Thanks for the tip. Your link is insufficiently add free, but I intend to investigate elsewhere.


----------



## Guest (Oct 23, 2012)

Sorry, it's the only link I could find!! And it does have other sequences in the film to whet the appetite. Actually, it is photographed in B&W by the great Roger Deakins and is a film noir, with the usual Coen comedy and lots of Hollywood film references. I don't know why it isn't discussed more frequently as, IMO, it's their masterpiece. And Beethoven shows what a broad cultural taste these two film-makers have.


----------



## Ukko (Jun 4, 2010)

CountenanceAnglaise said:


> Sorry, it's the only link I could find!! And it does have other sequences in the film to whet the appetite. Actually, it is photographed in B&W by the great Roger Deakins and is a film noir, with the usual Coen comedy and lots of Hollywood film references. I don't know why it isn't discussed more frequently as, IMO, it's their masterpiece. And Beethoven shows what a broad cultural taste these two film-makers have.

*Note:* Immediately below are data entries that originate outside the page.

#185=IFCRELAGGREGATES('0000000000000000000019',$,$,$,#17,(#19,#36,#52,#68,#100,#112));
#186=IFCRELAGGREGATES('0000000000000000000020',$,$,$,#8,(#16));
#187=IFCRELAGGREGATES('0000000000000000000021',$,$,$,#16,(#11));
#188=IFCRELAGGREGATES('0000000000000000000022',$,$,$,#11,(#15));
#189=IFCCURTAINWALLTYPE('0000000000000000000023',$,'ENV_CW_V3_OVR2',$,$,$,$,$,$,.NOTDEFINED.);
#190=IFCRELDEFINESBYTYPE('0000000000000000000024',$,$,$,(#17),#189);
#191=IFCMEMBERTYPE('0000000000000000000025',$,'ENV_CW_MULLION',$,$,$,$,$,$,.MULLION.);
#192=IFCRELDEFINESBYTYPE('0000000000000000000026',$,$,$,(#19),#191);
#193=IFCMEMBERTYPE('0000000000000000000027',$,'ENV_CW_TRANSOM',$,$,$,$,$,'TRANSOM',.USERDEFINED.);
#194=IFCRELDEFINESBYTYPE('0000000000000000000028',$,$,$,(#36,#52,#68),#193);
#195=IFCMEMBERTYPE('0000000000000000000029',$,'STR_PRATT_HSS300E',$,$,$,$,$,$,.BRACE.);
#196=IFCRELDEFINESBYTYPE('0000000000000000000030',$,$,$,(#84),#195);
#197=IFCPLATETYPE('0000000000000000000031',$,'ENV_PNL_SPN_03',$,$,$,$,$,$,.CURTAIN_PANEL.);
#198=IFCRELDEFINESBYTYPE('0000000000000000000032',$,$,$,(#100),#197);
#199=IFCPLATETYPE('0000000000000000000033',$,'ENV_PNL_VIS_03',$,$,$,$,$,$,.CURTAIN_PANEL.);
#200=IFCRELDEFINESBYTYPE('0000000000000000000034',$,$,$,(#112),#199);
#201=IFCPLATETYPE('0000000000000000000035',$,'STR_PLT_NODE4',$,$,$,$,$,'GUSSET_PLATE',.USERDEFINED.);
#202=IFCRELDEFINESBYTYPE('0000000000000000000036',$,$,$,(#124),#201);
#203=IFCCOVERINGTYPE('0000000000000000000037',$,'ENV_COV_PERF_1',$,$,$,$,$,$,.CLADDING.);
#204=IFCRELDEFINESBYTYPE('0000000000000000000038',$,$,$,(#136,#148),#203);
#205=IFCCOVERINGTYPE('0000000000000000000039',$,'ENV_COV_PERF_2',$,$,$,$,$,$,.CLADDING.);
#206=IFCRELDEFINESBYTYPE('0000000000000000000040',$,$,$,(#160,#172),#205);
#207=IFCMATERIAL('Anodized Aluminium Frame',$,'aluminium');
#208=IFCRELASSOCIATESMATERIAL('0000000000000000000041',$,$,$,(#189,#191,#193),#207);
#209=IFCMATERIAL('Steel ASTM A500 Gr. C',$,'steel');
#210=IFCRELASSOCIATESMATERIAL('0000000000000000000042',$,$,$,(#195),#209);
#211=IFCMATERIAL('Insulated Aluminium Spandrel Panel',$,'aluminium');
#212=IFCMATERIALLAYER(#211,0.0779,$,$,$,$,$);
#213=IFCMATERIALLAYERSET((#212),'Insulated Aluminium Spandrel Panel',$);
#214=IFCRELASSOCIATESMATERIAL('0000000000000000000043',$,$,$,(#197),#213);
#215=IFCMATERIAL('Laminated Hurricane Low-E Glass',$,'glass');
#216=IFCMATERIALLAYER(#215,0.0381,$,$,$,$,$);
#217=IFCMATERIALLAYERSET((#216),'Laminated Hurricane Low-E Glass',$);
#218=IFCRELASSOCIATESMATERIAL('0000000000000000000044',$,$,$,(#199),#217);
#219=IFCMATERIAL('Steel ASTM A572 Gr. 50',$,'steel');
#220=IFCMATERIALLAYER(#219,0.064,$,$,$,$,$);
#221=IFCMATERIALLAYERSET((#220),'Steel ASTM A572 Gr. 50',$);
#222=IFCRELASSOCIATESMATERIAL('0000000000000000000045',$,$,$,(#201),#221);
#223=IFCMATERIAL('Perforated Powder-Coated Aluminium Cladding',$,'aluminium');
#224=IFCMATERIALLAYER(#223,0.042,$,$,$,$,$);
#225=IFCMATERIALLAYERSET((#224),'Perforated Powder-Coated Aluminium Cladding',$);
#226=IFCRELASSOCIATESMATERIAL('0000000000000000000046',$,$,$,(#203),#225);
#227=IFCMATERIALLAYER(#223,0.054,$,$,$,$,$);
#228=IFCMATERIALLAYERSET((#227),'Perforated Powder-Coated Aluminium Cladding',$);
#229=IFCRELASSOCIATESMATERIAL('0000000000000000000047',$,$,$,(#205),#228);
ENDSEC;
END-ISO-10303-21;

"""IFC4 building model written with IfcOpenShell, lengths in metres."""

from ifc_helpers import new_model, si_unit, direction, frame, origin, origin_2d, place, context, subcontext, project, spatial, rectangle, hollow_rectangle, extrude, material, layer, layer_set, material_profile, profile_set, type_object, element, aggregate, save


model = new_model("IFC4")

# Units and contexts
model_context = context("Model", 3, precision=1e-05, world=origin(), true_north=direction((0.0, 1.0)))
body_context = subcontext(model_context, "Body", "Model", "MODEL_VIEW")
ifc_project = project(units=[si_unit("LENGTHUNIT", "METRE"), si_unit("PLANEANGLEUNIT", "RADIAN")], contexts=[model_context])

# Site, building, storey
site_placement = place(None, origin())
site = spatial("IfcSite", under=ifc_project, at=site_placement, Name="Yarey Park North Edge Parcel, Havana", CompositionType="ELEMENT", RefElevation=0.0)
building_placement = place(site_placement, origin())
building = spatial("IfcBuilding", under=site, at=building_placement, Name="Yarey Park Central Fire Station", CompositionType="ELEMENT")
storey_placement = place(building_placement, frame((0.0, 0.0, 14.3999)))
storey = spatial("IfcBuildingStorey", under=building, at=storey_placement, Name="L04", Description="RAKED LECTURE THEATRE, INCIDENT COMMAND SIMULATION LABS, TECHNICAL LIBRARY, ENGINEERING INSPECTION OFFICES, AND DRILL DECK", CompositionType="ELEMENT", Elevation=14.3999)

Without appetite whetting, based solely on your recommendation, I have ordered a copy. Don't be alarmed, I won't castigate you if I don't like it.


----------



## Guest (Oct 24, 2012)

Obviously a man of taste!! It's a listening-type film as much as anything, with a great (and often ironic) script. You'll see a very iconic shot during the film and I wouldn't mind if you got back to me telling me which one you think it is, once you've seen it. But the look of the film is stunning, just beautiful - like rich chocolate and velvet, is the best way I can describe the lighting and photography. What I love about the Coens is their understated humour and listen out for Billy Bob Thornton's voice-over. Just wonderful. Enjoy it. Warning: non-linear narrative, so one can become confused.


----------



## Ukko (Jun 4, 2010)

/\ You are whetting. I am not afraid of confusion; quite used to it.


----------



## Guest (Oct 24, 2012)

I watched the first half of it again yesterday. It is slow, which puts people off, but the acting is magnificent. Billy Bob Thornton, James Gandolfini, Frances McDormand and the others - simply stunning. These are amongst the very best actors working in the US today. And the lovely 'references' to other films, "Citizen Kane" and "To Kill a Mockingbird" just to name two. The non-linear narration starts about halfway into the film. And the Coens use temporal and spacial relationships essentially to flesh out character. Enjoy.


----------